И действительно, как только автобус набрал обратных пассажиров (дачников) и уехал, овчарка незаметно вернулась. Мы в это время спасались от солнца в тени – сидели на лавочке под навесом остановки, Лада прикорнула у наших ног. Овчарка остановилась напротив нас с вопросительным видом. Может быть, её повышенное внимание к нам было обусловлено тем, что Феликс Аронович зашелестел бумагой, доставая сыр. Вряд ли кто баловал здесь собаку таким лакомством – в углу навеса валялось несколько сухарей и стояли две жестяные банки с водой.
– Это тоже неплохо, – сказал Феликс Аронович. – Всё-таки есть ещё на свете добрые люди.
– Наверное, кто-то из мальчишек принёс воду, – предположил я.
– Всё равно – люди! – ответил Феликс Аронович. Он протянул собаке кусочек сыра. Собака приблизилась на несколько шагов, осторожно вытянула шею и без всякого заискивания, даже с оттенком какого-то великодушия взяла губами сыр. Феликс Аронович продолжал отламывать по маленькому кусочку, овчарка вошла во вкус и стала брать сыр более торопливо и чуть вздрагивая при этом.
– Осторожно, осторожно, – приговаривал Феликс Аронович, – не хватай зубами за пальцы.
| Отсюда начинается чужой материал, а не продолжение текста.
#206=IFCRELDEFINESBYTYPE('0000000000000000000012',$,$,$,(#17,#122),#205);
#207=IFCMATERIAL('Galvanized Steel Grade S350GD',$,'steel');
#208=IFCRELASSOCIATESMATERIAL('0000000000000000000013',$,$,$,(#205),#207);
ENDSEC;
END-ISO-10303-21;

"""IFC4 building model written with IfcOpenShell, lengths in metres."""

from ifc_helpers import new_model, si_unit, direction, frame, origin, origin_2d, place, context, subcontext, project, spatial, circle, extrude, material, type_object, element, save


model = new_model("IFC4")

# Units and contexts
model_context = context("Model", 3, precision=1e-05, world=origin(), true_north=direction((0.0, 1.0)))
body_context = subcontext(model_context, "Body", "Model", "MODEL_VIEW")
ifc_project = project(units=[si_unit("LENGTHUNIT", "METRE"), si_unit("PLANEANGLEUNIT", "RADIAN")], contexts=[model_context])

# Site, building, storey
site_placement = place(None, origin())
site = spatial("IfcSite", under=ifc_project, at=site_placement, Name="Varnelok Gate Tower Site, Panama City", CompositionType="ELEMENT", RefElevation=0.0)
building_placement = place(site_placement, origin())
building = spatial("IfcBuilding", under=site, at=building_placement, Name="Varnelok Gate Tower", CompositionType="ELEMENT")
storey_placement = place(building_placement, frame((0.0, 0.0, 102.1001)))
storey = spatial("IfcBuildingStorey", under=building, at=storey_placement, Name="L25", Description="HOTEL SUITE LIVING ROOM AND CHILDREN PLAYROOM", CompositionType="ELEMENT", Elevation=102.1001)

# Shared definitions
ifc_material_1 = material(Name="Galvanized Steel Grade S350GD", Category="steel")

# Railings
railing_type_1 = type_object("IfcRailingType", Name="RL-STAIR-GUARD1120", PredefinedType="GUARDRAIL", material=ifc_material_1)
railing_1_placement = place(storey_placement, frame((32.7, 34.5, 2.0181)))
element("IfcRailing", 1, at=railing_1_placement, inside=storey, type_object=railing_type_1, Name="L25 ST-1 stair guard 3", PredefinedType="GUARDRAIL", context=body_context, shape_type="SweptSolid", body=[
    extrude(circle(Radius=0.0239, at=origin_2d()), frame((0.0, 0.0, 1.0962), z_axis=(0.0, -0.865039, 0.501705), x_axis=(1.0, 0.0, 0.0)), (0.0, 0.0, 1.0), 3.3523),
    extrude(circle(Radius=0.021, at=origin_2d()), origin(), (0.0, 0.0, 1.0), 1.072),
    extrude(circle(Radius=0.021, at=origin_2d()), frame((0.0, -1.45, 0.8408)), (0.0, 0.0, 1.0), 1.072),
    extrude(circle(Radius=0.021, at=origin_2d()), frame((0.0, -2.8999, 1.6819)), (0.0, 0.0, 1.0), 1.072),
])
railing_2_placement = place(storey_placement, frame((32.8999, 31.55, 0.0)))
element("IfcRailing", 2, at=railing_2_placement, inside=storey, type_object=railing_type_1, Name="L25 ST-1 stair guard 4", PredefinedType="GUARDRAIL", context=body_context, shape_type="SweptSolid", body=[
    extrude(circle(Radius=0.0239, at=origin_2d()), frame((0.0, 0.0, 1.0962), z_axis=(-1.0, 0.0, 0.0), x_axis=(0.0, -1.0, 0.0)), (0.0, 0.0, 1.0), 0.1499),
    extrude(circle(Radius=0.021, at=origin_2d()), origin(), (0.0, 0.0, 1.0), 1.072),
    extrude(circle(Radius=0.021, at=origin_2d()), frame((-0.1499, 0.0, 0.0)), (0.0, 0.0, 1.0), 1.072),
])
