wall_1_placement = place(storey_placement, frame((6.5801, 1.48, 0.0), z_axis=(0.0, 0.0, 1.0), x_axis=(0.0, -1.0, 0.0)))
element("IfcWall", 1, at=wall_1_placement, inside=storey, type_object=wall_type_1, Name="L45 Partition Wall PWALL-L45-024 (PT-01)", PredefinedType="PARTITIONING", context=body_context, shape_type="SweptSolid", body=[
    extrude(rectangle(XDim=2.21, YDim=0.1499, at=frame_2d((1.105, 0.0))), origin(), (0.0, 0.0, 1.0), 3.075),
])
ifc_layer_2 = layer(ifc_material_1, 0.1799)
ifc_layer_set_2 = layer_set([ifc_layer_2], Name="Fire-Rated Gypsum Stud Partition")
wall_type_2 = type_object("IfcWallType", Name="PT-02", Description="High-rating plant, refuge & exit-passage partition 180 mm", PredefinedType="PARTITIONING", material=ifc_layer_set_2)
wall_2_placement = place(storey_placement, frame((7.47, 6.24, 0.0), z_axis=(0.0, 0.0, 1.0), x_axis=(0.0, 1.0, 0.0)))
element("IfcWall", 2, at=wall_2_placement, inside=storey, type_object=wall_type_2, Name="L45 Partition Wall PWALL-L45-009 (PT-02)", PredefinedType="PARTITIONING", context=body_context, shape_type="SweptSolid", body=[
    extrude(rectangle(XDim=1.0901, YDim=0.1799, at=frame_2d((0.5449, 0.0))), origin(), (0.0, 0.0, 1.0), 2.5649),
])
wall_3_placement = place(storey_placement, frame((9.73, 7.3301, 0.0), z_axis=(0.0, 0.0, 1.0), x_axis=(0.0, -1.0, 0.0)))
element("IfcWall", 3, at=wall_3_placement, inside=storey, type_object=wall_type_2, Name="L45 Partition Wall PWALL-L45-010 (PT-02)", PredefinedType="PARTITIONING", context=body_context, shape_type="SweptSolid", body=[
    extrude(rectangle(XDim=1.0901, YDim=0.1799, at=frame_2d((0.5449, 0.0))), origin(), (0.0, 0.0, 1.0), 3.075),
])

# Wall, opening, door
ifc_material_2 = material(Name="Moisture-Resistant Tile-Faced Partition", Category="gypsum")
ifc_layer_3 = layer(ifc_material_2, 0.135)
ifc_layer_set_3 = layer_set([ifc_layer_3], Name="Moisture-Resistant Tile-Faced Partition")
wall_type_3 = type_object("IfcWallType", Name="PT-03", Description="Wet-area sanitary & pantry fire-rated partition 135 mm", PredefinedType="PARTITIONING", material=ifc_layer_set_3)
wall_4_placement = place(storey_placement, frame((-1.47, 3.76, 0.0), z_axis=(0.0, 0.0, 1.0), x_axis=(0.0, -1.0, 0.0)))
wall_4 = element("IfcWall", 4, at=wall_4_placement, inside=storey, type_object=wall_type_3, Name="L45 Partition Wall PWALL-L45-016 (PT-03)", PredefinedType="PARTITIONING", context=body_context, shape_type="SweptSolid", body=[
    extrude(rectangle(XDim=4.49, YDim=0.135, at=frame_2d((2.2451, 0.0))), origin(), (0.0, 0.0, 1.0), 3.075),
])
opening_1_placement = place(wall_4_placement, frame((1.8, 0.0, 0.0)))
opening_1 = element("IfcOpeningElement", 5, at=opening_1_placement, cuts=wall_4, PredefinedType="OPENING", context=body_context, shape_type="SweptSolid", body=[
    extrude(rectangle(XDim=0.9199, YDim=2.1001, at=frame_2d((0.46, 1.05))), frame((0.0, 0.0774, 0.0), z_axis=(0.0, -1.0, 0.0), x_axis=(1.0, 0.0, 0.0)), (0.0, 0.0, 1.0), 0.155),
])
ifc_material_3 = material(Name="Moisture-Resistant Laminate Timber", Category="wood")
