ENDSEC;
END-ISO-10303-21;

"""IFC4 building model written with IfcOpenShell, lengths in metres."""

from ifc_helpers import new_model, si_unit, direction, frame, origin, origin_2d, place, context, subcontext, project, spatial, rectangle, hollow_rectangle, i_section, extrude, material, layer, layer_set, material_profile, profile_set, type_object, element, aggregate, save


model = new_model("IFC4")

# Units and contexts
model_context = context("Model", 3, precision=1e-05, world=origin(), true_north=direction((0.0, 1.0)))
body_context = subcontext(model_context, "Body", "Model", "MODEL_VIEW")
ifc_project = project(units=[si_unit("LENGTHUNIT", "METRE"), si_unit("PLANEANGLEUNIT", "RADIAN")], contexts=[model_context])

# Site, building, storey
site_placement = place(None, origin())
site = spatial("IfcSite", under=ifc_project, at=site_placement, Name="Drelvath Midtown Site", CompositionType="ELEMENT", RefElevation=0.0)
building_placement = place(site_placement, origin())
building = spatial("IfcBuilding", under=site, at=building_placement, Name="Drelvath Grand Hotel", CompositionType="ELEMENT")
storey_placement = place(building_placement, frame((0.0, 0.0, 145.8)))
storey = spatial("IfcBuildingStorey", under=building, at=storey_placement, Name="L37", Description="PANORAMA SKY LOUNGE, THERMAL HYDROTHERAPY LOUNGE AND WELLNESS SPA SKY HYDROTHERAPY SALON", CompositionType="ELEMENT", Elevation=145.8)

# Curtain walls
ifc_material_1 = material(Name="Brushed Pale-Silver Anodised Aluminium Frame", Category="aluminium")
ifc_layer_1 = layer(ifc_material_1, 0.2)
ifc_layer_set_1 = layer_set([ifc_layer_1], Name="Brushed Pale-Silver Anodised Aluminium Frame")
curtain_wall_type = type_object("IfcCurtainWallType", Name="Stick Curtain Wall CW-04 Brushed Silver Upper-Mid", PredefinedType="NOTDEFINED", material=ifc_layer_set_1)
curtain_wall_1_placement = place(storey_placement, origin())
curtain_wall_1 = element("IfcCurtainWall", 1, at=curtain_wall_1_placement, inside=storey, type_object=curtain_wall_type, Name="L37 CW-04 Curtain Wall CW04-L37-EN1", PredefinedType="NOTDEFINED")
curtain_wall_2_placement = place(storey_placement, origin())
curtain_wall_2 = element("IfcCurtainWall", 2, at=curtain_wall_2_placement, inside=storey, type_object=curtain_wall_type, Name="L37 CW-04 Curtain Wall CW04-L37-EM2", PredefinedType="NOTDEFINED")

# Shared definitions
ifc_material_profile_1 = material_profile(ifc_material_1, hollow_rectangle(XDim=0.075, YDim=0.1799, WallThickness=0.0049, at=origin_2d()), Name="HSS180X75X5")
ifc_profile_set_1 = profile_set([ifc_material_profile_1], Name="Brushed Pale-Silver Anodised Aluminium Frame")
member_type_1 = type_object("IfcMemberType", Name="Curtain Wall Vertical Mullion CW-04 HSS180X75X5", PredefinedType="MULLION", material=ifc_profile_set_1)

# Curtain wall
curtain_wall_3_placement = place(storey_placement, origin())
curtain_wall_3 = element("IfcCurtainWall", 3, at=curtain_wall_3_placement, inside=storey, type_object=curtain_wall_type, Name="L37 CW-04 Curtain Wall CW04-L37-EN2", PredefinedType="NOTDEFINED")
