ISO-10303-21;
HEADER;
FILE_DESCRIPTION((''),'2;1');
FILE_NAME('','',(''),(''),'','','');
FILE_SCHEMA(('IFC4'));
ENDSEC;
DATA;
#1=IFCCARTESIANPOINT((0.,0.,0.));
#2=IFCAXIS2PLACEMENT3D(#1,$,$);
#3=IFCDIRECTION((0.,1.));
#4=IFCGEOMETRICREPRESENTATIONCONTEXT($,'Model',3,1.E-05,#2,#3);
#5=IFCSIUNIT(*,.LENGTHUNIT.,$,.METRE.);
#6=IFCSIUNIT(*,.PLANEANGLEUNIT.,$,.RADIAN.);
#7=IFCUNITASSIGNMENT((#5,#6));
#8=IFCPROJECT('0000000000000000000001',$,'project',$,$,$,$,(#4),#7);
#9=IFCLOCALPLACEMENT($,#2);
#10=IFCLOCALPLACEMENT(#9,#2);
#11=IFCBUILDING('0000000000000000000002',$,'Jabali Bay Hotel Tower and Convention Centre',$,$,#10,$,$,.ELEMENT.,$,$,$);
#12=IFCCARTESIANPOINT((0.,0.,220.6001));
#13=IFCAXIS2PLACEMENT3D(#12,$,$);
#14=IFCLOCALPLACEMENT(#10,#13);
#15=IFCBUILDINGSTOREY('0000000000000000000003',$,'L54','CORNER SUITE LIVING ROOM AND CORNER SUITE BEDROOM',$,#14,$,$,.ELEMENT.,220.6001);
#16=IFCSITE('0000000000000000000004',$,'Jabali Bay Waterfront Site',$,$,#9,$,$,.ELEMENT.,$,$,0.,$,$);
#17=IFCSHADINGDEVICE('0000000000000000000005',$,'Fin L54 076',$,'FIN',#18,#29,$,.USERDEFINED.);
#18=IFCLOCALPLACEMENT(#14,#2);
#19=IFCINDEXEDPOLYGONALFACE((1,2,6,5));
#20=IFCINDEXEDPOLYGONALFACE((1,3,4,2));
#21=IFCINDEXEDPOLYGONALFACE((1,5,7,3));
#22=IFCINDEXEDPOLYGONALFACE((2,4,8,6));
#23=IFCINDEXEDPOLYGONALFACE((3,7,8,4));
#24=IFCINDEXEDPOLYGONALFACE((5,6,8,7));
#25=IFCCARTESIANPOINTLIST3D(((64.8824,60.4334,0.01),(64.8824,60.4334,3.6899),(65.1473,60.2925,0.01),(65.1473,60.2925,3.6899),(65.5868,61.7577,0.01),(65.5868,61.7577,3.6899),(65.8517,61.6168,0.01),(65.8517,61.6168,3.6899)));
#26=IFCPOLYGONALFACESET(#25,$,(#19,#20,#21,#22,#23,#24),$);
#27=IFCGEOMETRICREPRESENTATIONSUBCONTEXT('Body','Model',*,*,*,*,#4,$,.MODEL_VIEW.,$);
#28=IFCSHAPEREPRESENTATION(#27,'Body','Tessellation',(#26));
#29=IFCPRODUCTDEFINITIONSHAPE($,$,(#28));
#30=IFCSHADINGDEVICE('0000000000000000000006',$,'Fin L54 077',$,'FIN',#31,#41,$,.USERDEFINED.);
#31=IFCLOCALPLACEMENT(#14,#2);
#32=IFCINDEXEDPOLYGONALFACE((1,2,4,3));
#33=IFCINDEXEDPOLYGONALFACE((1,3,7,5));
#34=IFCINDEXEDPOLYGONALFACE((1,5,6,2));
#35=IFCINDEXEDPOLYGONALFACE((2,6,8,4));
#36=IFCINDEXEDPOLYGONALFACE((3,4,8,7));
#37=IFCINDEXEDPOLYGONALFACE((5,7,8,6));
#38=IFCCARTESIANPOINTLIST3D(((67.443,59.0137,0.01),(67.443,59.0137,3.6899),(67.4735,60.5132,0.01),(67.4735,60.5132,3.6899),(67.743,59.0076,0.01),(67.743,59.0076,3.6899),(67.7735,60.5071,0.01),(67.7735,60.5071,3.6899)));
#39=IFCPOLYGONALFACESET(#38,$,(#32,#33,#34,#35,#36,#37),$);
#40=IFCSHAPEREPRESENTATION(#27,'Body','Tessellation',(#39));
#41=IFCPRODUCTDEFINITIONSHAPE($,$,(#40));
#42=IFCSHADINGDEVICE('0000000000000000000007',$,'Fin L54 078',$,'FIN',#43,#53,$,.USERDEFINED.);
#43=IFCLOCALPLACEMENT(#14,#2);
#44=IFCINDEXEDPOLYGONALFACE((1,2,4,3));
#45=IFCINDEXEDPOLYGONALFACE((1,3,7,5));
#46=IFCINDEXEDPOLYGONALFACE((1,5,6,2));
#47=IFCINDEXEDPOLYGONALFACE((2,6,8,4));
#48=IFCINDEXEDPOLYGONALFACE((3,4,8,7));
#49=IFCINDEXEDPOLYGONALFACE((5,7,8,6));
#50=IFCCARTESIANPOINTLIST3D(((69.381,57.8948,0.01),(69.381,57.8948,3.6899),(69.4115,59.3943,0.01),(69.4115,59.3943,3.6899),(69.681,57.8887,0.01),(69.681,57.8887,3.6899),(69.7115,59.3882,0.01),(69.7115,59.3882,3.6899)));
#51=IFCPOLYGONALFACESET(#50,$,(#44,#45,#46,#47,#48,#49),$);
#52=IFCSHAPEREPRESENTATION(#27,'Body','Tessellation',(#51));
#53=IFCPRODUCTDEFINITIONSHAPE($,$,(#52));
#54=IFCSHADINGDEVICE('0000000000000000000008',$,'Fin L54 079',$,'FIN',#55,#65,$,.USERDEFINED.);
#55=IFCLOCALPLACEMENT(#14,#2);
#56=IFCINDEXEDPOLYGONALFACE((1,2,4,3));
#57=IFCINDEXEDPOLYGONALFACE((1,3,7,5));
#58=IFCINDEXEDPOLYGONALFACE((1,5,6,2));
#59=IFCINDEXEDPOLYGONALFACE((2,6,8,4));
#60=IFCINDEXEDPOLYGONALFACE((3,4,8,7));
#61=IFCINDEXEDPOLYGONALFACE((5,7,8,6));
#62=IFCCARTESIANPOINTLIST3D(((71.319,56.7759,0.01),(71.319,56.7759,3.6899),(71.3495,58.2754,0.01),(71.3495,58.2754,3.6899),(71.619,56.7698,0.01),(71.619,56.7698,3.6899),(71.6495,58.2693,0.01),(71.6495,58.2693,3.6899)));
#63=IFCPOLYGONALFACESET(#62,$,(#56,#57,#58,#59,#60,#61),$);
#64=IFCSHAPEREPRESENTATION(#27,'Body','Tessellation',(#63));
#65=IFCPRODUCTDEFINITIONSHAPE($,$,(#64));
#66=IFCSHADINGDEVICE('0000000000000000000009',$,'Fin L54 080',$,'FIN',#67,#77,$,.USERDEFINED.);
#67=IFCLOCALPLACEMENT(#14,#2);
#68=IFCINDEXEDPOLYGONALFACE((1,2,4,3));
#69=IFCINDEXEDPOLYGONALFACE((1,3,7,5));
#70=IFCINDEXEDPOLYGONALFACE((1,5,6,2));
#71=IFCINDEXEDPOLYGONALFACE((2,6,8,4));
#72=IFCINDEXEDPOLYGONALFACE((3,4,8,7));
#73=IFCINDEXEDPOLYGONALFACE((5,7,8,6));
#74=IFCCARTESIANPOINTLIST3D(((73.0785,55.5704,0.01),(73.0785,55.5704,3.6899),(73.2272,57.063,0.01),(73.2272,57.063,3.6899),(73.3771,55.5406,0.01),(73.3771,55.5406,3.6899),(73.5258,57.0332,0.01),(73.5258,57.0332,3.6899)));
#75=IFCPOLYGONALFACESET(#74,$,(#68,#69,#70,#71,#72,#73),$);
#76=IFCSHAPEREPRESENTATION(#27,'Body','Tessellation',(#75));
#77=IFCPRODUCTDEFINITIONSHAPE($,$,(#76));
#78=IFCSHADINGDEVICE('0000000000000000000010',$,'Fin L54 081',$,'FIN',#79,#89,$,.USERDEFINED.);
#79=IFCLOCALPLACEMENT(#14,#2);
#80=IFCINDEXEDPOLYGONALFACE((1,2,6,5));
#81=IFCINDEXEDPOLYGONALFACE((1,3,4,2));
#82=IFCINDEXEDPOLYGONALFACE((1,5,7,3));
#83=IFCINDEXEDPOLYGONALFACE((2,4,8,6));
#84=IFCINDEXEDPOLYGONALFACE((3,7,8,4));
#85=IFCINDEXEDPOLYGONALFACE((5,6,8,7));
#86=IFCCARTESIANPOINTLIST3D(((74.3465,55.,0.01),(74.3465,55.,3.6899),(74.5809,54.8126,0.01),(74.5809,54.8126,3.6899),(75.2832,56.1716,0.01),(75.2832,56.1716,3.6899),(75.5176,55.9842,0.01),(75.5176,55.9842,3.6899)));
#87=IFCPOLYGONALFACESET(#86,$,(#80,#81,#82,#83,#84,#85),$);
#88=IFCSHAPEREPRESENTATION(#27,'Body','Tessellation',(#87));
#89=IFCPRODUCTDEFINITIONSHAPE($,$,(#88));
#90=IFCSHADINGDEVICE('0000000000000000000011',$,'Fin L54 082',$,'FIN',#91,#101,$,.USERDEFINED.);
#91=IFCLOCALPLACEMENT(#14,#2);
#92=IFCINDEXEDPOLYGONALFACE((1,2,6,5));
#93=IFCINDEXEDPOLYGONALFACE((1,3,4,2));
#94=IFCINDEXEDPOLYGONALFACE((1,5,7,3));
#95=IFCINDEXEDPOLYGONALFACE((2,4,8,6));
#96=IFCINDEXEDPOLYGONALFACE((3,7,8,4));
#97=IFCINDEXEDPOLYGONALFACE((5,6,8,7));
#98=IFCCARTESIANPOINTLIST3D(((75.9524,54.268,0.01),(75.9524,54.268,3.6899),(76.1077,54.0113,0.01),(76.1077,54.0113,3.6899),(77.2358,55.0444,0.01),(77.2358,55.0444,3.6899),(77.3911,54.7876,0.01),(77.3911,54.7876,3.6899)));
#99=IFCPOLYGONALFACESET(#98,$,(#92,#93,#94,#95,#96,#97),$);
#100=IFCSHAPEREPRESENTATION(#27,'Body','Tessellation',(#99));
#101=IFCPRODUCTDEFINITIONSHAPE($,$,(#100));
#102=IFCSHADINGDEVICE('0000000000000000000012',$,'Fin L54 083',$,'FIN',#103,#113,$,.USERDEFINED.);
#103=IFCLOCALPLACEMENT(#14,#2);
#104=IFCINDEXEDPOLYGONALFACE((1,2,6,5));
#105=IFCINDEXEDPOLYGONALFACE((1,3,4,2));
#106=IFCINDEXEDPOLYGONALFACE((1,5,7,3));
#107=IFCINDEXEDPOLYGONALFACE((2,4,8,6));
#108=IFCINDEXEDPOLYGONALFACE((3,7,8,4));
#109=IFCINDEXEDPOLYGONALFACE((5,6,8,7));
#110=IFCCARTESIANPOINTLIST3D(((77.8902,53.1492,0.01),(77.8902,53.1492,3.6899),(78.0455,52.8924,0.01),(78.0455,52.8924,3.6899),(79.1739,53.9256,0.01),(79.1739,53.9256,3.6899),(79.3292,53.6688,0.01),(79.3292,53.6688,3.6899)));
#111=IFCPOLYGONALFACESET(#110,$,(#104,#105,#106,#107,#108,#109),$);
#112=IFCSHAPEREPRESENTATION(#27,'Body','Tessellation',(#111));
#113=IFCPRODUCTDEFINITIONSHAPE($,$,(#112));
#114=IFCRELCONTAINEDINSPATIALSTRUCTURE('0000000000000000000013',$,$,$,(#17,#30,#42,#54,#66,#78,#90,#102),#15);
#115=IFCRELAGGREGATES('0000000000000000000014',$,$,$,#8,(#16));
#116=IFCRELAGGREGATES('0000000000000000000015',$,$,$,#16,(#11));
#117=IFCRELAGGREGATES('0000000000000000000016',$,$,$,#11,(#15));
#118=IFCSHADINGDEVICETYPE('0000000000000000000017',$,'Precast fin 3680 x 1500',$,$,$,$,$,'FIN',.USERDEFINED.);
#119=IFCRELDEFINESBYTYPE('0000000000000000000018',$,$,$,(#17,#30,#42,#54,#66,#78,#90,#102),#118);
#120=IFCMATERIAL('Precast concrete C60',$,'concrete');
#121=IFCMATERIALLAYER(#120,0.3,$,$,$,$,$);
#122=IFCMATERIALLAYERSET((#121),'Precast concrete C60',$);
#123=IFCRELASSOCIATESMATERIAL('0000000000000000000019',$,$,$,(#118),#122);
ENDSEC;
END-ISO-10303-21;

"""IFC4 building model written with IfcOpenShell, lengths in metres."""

from ifc_helpers import new_model, si_unit, direction, frame, frame_2d, origin, place, context, subcontext, project, spatial, rectangle, extrude, material, layer, layer_set, type_object, element, save


model = new_model("IFC4")

# Units and contexts
model_context = context("Model", 3, precision=1e-05, world=origin(), true_north=direction((0.0, 1.0)))
body_context = subcontext(model_context, "Body", "Model", "MODEL_VIEW")
ifc_project = project(units=[si_unit("LENGTHUNIT", "METRE"), si_unit("PLANEANGLEUNIT", "RADIAN")], contexts=[model_context])

# Site, building, storey
site_placement = place(None, origin())
site = spatial("IfcSite", under=ifc_project, at=site_placement, Name="Jabali Bay Waterfront Site", CompositionType="ELEMENT", RefElevation=0.0)
building_placement = place(site_placement, origin())
building = spatial("IfcBuilding", under=site, at=building_placement, Name="Jabali Bay Hotel Tower and Convention Centre", CompositionType="ELEMENT")
storey_placement = place(building_placement, frame((0.0, 0.0, 220.6001)))
storey = spatial("IfcBuildingStorey", under=building, at=storey_placement, Name="L54", Description="CORNER SUITE LIVING ROOM AND CORNER SUITE BEDROOM", CompositionType="ELEMENT", Elevation=220.6001)

# Shading devices
ifc_material_1 = material(Name="Precast concrete C60", Category="concrete")
ifc_layer_1 = layer(ifc_material_1, 0.3)
ifc_layer_set_1 = layer_set([ifc_layer_1], Name="Precast concrete C60")
shading_device_type = type_object("IfcShadingDeviceType", Name="Precast fin 3680 x 1500", ElementType="FIN", PredefinedType="USERDEFINED", material=ifc_layer_set_1)
for number, where, z_axis, x_axis, name in (
    (1, (65.7192, 61.6873, 0.01), (0.0, 0.0, 1.0), (-0.469599, -0.88288, 0.0), "Fin L54 076"),
):
    element("IfcShadingDevice", number, at=place(storey_placement, frame(where, z_axis=z_axis, x_axis=x_axis)), inside=storey, type_object=shading_device_type, Name=name, ObjectType="FIN", PredefinedType="USERDEFINED", context=body_context, shape_type="SweptSolid", body=[
        extrude(rectangle(XDim=1.5, YDim=0.3, at=frame_2d((0.75, 0.0))), origin(), (0.0, 0.0, 1.0), 3.6799),
    ])
for number, where, z_axis, x_axis, name in (
    (2, (67.6235, 60.5103, 0.01), (0.0, 0.0, 1.0), (-0.020347, -0.999793, 0.0), "Fin L54 077"),
    (3, (69.5615, 59.3914, 0.01), (0.0, 0.0, 1.0), (-0.020347, -0.999793, 0.0), "Fin L54 078"),
    (4, (71.4995, 58.2725, 0.01), (0.0, 0.0, 1.0), (-0.020347, -0.999793, 0.0), "Fin L54 079"),
):
    element("IfcShadingDevice", number, at=place(storey_placement, frame(where, z_axis=z_axis, x_axis=x_axis)), inside=storey, type_object=shading_device_type, Name=name, ObjectType="FIN", PredefinedType="USERDEFINED", context=body_context, shape_type="SweptSolid", body=[
        extrude(rectangle(XDim=1.4998, YDim=0.3, at=frame_2d((0.75, 0.0))), origin(), (0.0, 0.0, 1.0), 3.6799),
    ])
for number, where, z_axis, x_axis, name in (
    (5, (73.3765, 57.0481, 0.01), (0.0, 0.0, 1.0), (-0.099117, -0.995076, 0.0), "Fin L54 080"),
    (6, (75.4004, 56.0779, 0.01), (0.0, 0.0, 1.0), (-0.624477, -0.781043, 0.0), "Fin L54 081"),
    (7, (77.3135, 54.916, 0.01), (0.0, 0.0, 1.0), (-0.855635, -0.51758, 0.0), "Fin L54 082"),
):
    element("IfcShadingDevice", number, at=place(storey_placement, frame(where, z_axis=z_axis, x_axis=x_axis)), inside=storey, type_object=shading_device_type, Name=name, ObjectType="FIN", PredefinedType="USERDEFINED", context=body_context, shape_type="SweptSolid", body=[
        extrude(rectangle(XDim=1.5, YDim=0.3, at=frame_2d((0.75, 0.0))), origin(), (0.0, 0.0, 1.0), 3.6799),
    ])
shading_device_placement = place(storey_placement, frame((79.2515, 53.7971, 0.01), z_axis=(0.0, 0.0, 1.0), x_axis=(-0.855678, -0.517508, 0.0)))
element("IfcShadingDevice", 8, at=shading_device_placement, inside=storey, type_object=shading_device_type, Name="Fin L54 083", ObjectType="FIN", PredefinedType="USERDEFINED", context=body_context, shape_type="SweptSolid", body=[
    extrude(rectangle(XDim=1.5002, YDim=0.3, at=frame_2d((0.75, 0.0))), origin(), (0.0, 0.0, 1.0), 3.6799),
])

save(model, "model.ifc")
Сыр собака брала, но погладить себя не давала. Как только Феликс Аронович делал попытку погладить её, она ловко увёртывала голову и отступала.
– Да-а-а, – тяжело вздохнул Феликс Аронович. – Придётся проторчать тут весь день.
– А может быть, и не один день, – сказал я.
– А может быть, и не один день, – как эхо, повторил Феликс Аронович. – Но где взять время?
– Раз решили спасти собаку, надо довести дело до конца.
– Да, ничего не поделаешь… Берегите свою колбасу, а то потом нечем будет приманить её. Впрочем, дайте ей кусочек, чтобы она и к вам почувствовала доверие.
Я протянул собаке кусочек колбасы. Испытав несколько трудных мгновений, собака, поколебавшись, так же осторожно вытянула шею и взяла губами колбасу. Эта процедура повторилась несколько раз.
– Хватит, хватит, – сказал Феликс Аронович. – Нам ещё долго тут придётся проторчать.
Обстановка была далеко не идеальной. С овчаркой нельзя было работать, потому что нам постоянно мешали люди. Они скапливались на остановке, дожидались автобуса, уезжали, некоторое время мы оставались с собакой одни, а потом всё начиналось сначала. Собаку отвлекали, Феликс Аронович нервничал и даже несколько раз повздорил кое с кем. Вообще-то люди проявляли к нам сочувствие, но это сочувствие выходило нам боком.